Monday, October 13, 2008

CMSF AAR: Counter-Recon, Part 1


SSG Giessen’s call on the US Cavalry platoon’s net triggered a response disproportionate to the boyish pitch of his voice. As Lt. Hall’s driver violently veered the command HMMV into the road’s shoulder, the sound of small rocks thrown into the vehicle¹s belly by the fast spinning wheels could still be heard above all the loud cursing. Lt. Hall leaped out of the vehicle in a less than jovial mood. His back towards the still to be seen tank threat, Hall walked to SSG Giessen’s Bradley Cavalry Fighting Vechicle (CFV) making all kind of gestures. “-If you’d throw Lt Hall into the water when he is cursing, his arm-swinging would make him swim!”, one of the troopers once said about the lieutenant ’s less than subtle body language. The whole scene looked like a fender bender, all the way down to a road-raged front-vehicle driver. Except that this time the vehicles were tactically separated by 25 yards, the real collision was still to happen and it would result in more than fenders being broken.

SSG Giessen deserved some scolding: the word “tank” on the platoon’s net meant one and only one thing and that is the caller being in contact with a tank. Giessen had actually seen a tank icon in the Force XXI Battlefield Command Brigade and Below (FBCB2) screen of his vehicle. According to the system, the tank was supposed to be just around the road bend, less than 100 meters downstream the road. The SSG just wanted everybody to stop but found no other way than the “tank” call to do it.
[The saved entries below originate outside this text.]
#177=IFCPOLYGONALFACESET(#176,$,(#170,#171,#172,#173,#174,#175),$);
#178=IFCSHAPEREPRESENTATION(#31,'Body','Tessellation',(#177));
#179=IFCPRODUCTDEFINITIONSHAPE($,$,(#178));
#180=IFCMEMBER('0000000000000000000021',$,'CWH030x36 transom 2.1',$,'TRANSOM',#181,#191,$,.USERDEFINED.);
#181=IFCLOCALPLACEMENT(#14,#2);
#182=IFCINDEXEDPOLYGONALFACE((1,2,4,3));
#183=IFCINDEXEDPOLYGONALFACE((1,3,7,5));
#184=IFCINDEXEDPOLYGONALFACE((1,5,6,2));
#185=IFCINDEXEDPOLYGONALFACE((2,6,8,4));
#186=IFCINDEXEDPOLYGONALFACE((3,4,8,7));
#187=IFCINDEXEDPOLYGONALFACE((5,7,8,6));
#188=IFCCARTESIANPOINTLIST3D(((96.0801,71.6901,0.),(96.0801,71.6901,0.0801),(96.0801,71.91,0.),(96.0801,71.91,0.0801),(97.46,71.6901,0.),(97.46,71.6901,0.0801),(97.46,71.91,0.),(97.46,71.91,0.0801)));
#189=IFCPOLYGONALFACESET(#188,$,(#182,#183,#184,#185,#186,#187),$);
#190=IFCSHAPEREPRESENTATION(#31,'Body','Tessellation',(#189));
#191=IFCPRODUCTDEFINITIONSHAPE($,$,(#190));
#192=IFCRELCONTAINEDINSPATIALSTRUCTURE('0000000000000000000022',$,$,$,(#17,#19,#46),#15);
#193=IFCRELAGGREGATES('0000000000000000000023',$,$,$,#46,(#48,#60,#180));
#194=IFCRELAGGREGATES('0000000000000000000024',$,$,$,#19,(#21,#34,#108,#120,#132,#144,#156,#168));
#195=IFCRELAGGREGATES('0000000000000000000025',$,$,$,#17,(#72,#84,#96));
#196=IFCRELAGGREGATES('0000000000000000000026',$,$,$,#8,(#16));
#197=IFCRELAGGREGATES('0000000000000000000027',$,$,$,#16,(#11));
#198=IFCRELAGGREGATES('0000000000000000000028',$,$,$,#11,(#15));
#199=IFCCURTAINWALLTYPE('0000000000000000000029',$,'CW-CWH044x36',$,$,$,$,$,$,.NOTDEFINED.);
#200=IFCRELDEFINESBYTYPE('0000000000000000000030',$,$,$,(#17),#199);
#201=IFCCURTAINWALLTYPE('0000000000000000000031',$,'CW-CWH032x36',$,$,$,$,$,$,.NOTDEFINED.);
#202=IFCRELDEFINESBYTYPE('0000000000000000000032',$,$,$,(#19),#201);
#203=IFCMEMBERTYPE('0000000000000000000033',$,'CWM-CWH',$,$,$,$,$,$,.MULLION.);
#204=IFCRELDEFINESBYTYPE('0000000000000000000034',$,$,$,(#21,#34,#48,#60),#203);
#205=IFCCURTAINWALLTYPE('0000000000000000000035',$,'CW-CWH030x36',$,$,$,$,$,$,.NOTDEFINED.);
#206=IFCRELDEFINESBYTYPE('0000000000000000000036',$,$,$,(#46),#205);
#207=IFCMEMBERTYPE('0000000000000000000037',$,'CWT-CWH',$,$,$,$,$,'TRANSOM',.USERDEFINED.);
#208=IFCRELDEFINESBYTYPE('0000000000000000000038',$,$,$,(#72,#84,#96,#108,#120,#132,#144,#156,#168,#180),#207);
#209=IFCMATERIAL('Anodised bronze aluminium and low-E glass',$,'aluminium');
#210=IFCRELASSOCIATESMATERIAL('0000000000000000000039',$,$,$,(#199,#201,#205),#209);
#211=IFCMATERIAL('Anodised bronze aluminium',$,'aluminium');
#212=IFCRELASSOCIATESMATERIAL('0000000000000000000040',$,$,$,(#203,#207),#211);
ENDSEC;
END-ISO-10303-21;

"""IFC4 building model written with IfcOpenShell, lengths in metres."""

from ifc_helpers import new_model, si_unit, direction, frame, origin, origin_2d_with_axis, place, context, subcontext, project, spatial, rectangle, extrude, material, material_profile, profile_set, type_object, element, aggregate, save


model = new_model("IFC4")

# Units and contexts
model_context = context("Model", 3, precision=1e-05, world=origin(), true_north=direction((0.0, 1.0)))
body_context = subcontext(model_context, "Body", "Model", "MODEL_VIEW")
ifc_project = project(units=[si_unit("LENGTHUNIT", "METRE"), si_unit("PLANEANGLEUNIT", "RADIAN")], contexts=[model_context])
Actually, Lt Hall’s rage had nothing to do with Giessen’s misuse of radio calls. The platoon under his command was one hour behind schedule and was frantically trying to link up with the rest of Troop A. Lt Hall’s thought his platoon was traveling through interior lines, a notion rapidly smashed by SSG Giessen’s radio call. To make things worse, earlier in the morning, Lt Hall had to make the tough decision of letting his only tank behind, waiting for the repair of a broken torsion bar. Things were not going good for 1st Platoon.

To be continued ...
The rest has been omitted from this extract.